НАДН-ПО побегов и корней реализовалась в повышении активности данной формы при 15минутной деэтиоляции. Таким образом, в исследуемых органах проростков пшеницы свет избирательно модифицировал ПО: нарастание прооксидантной (оксидазная функция всех исследованных форм ПО) в побегах, а в корнях только одну из форм - НАДН-ПО. В последнее время в литературе активно обсуждается роль ПО не только в утилизации перекиси водорода, но и в её образовании, а также в образовании супероксид-анион-радикала. Установлены новые механизмы функционирования ПО, во многом связанные с изучением «гидроксильного» каталитического цикла с участием «соединения III» и генерацией АФК (Passardi et all., 2004). Можно предположить, что в наших исследованиях, свет, оказывая направленное воздействие на пероксидазную систему, мог в цитоплазматической фракции побегов проростков пшеницы индуцировать окислительный взрыв, а в корнях, скорее всего, происходящие равнозначные изменения как оксидазной, так и пероксидазной активности – одна из причин поддержания окислительного гомеостаза, его стабилизация.

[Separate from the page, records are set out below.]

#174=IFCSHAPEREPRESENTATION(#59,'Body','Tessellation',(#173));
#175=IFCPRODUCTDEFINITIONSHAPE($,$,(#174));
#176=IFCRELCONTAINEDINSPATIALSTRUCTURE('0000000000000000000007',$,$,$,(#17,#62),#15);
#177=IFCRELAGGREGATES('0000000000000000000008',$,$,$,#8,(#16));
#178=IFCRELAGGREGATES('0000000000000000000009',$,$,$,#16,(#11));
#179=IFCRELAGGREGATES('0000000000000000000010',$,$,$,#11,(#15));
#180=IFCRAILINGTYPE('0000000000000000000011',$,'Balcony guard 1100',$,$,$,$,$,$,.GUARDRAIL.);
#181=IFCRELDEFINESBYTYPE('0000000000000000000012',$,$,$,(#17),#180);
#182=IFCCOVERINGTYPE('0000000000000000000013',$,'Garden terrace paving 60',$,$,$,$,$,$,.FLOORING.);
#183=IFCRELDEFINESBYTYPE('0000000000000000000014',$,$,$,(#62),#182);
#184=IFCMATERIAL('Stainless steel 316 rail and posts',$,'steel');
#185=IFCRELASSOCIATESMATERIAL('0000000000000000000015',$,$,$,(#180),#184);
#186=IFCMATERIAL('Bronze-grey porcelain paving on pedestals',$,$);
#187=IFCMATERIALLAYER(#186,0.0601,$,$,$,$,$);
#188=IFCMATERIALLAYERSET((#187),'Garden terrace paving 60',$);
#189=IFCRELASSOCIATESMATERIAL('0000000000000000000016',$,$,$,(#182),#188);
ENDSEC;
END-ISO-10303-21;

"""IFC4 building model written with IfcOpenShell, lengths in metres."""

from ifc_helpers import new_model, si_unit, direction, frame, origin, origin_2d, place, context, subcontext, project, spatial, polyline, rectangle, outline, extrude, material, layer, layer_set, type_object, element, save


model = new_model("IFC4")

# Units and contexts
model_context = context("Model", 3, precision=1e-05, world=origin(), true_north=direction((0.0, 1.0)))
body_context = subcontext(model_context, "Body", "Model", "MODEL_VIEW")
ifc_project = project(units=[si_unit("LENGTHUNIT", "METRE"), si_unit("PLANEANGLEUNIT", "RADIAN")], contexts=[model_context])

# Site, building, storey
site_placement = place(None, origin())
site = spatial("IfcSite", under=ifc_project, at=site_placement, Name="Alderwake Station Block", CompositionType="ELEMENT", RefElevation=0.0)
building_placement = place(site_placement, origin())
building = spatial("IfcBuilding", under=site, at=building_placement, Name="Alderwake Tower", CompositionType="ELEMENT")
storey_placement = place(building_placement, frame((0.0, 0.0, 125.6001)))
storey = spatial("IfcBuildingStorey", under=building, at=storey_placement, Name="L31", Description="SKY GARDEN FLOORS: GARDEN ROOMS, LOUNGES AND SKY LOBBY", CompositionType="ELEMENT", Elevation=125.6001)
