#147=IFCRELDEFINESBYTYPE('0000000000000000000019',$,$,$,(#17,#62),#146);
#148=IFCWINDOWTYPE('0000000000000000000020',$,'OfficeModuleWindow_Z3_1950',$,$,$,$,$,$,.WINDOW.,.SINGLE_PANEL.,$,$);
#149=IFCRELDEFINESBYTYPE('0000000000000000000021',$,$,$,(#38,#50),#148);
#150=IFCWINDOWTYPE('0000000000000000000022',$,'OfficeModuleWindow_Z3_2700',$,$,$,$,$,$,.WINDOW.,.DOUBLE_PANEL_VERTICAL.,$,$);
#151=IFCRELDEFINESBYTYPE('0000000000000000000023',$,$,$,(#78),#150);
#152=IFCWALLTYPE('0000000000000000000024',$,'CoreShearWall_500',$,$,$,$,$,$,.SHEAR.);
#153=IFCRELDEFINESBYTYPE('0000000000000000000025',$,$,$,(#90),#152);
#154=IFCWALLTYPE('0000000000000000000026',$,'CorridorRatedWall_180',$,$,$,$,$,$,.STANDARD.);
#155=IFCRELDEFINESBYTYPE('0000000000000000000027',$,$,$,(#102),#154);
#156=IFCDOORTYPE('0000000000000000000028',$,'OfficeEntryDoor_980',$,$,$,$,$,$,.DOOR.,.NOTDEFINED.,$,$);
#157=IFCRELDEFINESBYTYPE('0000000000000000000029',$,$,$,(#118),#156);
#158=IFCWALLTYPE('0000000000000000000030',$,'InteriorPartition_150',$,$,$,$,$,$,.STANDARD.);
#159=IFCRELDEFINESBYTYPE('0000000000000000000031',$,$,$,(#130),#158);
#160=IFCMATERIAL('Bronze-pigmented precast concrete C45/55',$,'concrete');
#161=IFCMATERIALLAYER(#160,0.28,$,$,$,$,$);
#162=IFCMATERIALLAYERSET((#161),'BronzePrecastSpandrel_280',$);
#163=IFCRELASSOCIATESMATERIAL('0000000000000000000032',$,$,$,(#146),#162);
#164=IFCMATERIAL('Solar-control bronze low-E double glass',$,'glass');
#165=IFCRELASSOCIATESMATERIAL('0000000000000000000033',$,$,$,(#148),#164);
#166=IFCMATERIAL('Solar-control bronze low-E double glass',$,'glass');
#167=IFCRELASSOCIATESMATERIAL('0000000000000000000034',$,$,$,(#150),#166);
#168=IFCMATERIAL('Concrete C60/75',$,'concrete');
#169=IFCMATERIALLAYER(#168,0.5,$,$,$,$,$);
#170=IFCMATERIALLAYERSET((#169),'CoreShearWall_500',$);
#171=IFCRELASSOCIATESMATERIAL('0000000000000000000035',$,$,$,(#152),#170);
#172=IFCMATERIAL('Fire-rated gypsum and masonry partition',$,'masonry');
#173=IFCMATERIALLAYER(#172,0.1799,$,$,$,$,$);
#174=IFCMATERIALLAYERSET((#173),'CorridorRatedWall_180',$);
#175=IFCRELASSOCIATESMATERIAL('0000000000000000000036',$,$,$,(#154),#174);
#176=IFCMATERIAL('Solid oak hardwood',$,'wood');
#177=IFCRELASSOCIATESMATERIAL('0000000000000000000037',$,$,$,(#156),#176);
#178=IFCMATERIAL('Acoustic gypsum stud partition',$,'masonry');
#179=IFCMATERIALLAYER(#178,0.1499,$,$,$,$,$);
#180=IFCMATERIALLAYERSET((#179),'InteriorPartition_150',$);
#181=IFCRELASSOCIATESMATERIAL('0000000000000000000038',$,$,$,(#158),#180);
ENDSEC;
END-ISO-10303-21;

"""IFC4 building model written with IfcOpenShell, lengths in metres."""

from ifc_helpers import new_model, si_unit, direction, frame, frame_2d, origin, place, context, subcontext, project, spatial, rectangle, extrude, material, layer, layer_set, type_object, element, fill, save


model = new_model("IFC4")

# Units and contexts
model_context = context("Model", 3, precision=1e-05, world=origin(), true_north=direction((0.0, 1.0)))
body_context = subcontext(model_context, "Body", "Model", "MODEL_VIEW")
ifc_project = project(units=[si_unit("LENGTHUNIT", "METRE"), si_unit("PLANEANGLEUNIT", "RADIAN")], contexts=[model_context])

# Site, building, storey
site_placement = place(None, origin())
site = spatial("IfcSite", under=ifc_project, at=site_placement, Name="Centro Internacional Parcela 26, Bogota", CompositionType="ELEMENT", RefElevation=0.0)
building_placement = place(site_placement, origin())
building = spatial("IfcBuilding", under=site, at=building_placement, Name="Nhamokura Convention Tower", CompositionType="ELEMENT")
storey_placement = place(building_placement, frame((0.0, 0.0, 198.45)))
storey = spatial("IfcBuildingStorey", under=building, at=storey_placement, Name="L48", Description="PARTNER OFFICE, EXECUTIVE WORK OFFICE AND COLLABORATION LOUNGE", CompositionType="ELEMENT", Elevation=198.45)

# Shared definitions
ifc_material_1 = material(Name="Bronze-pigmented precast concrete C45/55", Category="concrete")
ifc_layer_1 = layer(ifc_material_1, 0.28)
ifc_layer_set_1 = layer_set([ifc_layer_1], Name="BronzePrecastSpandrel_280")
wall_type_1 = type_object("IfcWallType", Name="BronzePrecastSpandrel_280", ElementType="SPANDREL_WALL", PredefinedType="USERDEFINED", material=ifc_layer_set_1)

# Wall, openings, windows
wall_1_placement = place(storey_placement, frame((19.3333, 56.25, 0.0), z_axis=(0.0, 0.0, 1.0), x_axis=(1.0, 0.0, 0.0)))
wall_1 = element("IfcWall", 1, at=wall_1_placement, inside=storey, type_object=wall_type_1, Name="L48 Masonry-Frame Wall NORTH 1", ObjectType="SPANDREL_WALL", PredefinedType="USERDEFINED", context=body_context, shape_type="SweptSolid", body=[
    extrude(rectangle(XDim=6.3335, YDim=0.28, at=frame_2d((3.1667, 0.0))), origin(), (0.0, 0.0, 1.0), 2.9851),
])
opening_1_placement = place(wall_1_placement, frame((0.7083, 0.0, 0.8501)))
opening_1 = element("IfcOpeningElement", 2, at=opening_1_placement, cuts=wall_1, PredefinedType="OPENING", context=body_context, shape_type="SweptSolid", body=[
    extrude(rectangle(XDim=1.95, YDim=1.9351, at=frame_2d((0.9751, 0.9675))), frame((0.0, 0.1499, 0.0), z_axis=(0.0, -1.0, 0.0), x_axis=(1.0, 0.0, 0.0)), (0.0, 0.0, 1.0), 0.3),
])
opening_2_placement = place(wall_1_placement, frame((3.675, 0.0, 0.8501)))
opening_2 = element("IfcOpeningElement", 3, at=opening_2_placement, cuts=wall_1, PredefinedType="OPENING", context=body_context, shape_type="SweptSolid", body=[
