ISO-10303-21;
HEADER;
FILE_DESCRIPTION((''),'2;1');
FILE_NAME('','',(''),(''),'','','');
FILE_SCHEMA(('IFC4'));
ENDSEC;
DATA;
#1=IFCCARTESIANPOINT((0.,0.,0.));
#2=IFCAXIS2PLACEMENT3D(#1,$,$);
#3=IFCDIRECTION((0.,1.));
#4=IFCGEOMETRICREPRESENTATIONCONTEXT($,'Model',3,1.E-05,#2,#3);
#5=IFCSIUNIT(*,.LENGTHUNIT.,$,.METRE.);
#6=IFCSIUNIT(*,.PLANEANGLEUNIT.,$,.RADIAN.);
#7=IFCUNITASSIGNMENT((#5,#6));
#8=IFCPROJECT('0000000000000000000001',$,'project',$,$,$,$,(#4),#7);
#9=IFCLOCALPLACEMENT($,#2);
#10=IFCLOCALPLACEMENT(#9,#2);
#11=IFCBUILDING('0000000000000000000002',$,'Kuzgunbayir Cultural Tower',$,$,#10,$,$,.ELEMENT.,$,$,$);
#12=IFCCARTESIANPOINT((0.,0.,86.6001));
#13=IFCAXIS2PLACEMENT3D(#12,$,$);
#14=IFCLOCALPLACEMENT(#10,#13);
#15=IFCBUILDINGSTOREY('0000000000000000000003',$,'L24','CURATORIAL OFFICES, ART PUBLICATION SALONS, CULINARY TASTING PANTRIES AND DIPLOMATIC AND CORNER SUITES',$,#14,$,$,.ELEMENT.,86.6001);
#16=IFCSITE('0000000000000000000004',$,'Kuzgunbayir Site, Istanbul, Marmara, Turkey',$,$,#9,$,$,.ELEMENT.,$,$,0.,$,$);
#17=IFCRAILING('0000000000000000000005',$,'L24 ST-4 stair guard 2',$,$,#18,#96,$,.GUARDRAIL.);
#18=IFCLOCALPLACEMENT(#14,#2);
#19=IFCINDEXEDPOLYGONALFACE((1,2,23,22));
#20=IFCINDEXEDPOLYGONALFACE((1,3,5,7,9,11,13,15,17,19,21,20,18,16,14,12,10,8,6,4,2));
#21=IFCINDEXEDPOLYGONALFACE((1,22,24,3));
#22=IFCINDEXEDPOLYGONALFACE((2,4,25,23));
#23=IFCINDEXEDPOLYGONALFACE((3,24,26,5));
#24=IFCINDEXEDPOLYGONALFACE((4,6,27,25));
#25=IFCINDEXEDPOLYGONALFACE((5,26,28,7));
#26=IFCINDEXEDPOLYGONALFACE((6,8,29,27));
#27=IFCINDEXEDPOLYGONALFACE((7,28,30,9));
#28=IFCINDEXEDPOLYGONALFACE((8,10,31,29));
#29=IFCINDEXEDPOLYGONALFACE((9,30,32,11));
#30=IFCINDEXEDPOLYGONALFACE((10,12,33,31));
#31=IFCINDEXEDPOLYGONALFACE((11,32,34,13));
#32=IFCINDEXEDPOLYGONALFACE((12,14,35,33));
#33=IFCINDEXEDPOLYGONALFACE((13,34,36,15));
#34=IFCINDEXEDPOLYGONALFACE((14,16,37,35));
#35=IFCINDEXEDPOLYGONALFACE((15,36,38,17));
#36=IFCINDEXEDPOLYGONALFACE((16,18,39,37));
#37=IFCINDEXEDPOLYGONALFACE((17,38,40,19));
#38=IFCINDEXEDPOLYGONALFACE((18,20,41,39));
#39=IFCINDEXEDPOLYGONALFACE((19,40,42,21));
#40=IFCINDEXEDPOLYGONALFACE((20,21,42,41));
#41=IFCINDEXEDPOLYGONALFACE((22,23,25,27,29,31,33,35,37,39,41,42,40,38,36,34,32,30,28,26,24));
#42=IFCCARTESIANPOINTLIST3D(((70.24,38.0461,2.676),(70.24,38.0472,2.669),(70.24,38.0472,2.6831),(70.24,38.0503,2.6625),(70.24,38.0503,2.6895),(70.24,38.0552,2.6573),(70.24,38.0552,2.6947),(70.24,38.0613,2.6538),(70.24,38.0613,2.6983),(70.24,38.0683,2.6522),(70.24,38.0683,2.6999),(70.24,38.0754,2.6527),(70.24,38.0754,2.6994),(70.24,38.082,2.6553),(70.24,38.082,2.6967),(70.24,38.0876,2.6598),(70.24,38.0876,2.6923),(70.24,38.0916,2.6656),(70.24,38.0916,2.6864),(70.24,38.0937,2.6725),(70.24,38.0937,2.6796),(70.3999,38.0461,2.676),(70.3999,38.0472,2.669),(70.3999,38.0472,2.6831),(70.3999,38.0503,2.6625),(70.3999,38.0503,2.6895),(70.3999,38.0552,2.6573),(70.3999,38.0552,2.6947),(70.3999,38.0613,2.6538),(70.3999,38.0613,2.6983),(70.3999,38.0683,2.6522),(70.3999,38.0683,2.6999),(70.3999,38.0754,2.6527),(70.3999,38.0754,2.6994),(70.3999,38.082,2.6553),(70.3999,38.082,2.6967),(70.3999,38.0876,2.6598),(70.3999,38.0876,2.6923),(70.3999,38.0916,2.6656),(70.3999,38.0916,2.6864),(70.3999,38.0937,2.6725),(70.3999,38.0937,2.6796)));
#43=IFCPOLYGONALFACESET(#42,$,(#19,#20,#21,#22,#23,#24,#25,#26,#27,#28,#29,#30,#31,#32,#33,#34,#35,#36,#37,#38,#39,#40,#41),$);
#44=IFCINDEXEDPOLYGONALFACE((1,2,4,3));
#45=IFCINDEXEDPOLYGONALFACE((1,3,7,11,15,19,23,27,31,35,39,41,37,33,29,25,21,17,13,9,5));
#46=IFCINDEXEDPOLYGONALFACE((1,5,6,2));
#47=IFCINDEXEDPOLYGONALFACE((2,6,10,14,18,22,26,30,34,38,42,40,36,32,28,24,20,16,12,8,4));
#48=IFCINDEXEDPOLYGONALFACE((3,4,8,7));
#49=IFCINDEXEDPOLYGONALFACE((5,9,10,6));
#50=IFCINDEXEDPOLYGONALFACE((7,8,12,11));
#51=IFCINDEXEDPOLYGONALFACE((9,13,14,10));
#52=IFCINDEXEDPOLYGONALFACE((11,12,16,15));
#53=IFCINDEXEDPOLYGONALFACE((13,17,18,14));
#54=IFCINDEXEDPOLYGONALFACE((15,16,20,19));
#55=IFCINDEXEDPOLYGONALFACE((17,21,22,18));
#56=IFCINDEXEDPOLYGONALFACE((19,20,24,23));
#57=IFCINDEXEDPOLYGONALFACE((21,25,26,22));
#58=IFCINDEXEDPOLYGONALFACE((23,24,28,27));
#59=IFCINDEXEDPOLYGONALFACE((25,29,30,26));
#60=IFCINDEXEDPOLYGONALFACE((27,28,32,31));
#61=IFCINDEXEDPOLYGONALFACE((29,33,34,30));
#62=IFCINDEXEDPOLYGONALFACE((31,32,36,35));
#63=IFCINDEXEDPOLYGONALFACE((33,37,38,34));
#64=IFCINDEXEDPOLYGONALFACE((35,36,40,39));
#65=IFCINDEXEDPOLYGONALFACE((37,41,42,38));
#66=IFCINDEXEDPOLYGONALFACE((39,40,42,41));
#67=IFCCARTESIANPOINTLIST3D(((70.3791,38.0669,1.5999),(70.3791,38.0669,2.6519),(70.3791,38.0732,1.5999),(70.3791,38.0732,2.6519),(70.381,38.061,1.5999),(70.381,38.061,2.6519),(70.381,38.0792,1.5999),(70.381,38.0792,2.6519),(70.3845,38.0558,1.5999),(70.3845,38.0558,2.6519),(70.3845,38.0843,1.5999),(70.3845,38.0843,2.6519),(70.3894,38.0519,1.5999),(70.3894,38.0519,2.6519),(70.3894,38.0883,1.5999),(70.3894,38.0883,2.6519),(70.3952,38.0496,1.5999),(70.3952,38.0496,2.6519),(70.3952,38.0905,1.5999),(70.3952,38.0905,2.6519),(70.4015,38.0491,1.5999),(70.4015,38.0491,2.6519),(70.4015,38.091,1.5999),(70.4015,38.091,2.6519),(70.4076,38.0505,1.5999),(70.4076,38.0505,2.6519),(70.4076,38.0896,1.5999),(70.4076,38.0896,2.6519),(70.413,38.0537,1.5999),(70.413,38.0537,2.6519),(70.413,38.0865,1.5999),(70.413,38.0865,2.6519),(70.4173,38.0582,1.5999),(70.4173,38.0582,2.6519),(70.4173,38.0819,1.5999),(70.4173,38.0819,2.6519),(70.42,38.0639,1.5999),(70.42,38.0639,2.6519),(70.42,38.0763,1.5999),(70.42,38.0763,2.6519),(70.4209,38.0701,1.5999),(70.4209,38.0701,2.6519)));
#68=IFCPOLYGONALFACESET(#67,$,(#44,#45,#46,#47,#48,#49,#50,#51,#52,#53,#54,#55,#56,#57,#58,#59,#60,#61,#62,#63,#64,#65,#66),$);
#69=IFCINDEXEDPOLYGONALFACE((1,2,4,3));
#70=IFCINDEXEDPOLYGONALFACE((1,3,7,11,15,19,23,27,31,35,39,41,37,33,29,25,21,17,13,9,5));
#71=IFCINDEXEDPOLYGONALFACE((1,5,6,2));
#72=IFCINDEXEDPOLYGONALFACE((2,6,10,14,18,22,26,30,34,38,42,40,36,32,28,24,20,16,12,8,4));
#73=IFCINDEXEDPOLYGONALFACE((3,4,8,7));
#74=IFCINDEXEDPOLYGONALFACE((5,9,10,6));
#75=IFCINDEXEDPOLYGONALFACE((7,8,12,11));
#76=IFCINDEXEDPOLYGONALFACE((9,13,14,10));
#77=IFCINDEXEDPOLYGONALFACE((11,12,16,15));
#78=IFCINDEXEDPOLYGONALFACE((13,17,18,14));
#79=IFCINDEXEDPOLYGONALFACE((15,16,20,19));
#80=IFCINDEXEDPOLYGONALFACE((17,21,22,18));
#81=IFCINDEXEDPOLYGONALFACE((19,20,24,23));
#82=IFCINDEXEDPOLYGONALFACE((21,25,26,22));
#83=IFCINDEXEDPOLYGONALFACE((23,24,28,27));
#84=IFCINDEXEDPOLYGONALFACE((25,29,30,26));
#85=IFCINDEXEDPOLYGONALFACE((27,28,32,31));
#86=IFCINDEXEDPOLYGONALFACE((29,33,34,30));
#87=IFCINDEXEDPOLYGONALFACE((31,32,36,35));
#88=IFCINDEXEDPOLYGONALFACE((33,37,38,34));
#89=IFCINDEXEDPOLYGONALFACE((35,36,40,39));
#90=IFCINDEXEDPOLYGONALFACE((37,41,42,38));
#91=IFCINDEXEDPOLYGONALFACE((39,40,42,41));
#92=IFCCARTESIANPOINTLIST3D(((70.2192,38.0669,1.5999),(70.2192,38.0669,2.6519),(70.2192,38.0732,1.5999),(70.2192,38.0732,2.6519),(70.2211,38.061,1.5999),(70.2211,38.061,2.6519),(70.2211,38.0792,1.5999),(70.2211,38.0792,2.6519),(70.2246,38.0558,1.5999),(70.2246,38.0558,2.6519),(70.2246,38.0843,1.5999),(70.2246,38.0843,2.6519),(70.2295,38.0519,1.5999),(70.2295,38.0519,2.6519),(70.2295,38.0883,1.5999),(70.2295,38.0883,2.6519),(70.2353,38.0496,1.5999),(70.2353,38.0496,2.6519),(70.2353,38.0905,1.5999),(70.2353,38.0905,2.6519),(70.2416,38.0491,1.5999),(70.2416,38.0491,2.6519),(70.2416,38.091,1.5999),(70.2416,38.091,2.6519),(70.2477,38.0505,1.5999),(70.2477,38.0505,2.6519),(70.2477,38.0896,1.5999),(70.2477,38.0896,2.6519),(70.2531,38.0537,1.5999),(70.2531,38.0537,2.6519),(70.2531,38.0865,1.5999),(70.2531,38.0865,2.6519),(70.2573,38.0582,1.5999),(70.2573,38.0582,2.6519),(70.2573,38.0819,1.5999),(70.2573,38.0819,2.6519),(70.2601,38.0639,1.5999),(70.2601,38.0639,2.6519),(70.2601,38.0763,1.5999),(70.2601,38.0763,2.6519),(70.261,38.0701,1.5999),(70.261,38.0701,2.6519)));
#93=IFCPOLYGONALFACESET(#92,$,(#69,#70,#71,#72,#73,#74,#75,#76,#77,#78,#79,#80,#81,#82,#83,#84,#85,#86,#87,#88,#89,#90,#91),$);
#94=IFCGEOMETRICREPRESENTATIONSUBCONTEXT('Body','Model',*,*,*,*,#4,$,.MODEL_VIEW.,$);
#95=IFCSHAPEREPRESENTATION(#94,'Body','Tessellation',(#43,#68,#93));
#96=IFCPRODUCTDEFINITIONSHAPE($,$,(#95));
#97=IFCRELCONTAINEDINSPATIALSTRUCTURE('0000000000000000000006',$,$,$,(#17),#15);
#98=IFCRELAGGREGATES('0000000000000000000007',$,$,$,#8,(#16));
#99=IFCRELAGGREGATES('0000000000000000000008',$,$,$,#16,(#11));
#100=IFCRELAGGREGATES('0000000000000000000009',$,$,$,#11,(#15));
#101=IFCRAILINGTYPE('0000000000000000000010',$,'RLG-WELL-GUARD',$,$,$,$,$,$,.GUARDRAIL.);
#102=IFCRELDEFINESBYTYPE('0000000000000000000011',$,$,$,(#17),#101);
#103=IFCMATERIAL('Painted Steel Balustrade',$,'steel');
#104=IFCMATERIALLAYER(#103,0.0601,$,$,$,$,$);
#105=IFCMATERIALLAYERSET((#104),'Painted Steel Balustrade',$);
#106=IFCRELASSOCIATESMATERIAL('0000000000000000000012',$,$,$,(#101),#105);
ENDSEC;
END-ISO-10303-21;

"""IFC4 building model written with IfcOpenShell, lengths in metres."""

from ifc_helpers import new_model, si_unit, direction, frame, origin, origin_2d, place, context, subcontext, project, spatial, circle, extrude, material, layer, layer_set, type_object, element, save


model = new_model("IFC4")

# Units and contexts
model_context = context("Model", 3, precision=1e-05, world=origin(), true_north=direction((0.0, 1.0)))
body_context = subcontext(model_context, "Body", "Model", "MODEL_VIEW")
ifc_project = project(units=[si_unit("LENGTHUNIT", "METRE"), si_unit("PLANEANGLEUNIT", "RADIAN")], contexts=[model_context])

# Site, building, storey
site_placement = place(None, origin())
site = spatial("IfcSite", under=ifc_project, at=site_placement, Name="Kuzgunbayir Site, Istanbul, Marmara, Turkey", CompositionType="ELEMENT", RefElevation=0.0)
building_placement = place(site_placement, origin())
building = spatial("IfcBuilding", under=site, at=building_placement, Name="Kuzgunbayir Cultural Tower", CompositionType="ELEMENT")
storey_placement = place(building_placement, frame((0.0, 0.0, 86.6001)))
storey = spatial("IfcBuildingStorey", under=building, at=storey_placement, Name="L24", Description="CURATORIAL OFFICES, ART PUBLICATION SALONS, CULINARY TASTING PANTRIES AND DIPLOMATIC AND CORNER SUITES", CompositionType="ELEMENT", Elevation=86.6001)

# Railing
ifc_material_1 = material(Name="Painted Steel Balustrade", Category="steel")
ifc_layer_1 = layer(ifc_material_1, 0.0601)
ifc_layer_set_1 = layer_set([ifc_layer_1], Name="Painted Steel Balustrade")
railing_type_1 = type_object("IfcRailingType", Name="RLG-WELL-GUARD", PredefinedType="GUARDRAIL", material=ifc_layer_set_1)
railing_1_placement = place(storey_placement, frame((70.3999, 38.0701, 1.5999)))
element("IfcRailing", 1, at=railing_1_placement, inside=storey, type_object=railing_type_1, Name="L24 ST-4 stair guard 2", PredefinedType="GUARDRAIL", context=body_context, shape_type="SweptSolid", body=[
    extrude(circle(Radius=0.0239, at=origin_2d()), frame((0.0, 0.0, 1.0762), z_axis=(-1.0, 0.0, 0.0), x_axis=(0.0, -1.0, 0.0)), (0.0, 0.0, 1.0), 0.1599),
    extrude(circle(Radius=0.021, at=origin_2d()), origin(), (0.0, 0.0, 1.0), 1.052),
    extrude(circle(Radius=0.021, at=origin_2d()), frame((-0.1599, 0.0, 0.0)), (0.0, 0.0, 1.0), 1.052),
])

save(model, "model.ifc")
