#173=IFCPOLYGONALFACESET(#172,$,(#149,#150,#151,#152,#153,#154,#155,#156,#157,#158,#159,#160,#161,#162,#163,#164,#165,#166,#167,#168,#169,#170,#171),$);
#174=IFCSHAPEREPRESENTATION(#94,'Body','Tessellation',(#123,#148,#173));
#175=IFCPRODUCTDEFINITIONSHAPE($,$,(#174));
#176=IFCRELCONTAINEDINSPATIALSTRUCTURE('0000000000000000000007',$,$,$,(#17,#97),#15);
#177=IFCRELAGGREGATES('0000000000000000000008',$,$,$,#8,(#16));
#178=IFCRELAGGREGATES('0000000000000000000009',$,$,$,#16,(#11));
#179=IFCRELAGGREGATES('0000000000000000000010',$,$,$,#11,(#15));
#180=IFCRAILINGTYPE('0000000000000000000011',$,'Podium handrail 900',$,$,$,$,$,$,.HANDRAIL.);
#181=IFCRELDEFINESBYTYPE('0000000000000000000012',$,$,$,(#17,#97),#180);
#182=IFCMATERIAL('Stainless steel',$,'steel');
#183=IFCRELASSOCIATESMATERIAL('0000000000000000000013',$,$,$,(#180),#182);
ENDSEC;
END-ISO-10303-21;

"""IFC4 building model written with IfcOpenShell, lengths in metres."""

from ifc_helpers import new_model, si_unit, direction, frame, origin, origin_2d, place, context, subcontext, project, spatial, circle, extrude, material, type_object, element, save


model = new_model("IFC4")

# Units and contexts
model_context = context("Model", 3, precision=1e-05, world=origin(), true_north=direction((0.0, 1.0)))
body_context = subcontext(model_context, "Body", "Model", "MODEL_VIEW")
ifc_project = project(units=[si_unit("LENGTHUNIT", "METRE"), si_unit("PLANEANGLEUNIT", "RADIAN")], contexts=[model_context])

Полученные результаты (Рис. 3) отражают изменения уровня АФК, в частности, содержание R-OOH во внутриклеточном компартменте деэтиолированных проростков. Через 5 мин после воздействия свет обратимо уменьшал уровень R-OOH в 1.2 раза в цитоплазматической фракции побегов, и не оказывал воздействия на количество R-OOH в корнях опытных проростков. Интересно отметить, что далее при 15 минутном световом воздействии уровень R-OOH надземных органов увеличивался в 1.4 раза, а для корней – находился вблизи контроля.

Таким образом, свет, оказывая непосредственное влияние на надземные органы проростков, индуцировал в цитоплазматическом компартменте побегов накопление R-OOH (окислительный взрыв); реакция корней в этих условиях, по-видимому, не может быть отнесена к стрессорной.

Работа выполнена при финансовой поддержке ФЦП «Научные и научнопедагогические кадры инновационной России» на 2009–2013 гг. (Государственный контракт № 14.740.11.0732 от 12.10.2010).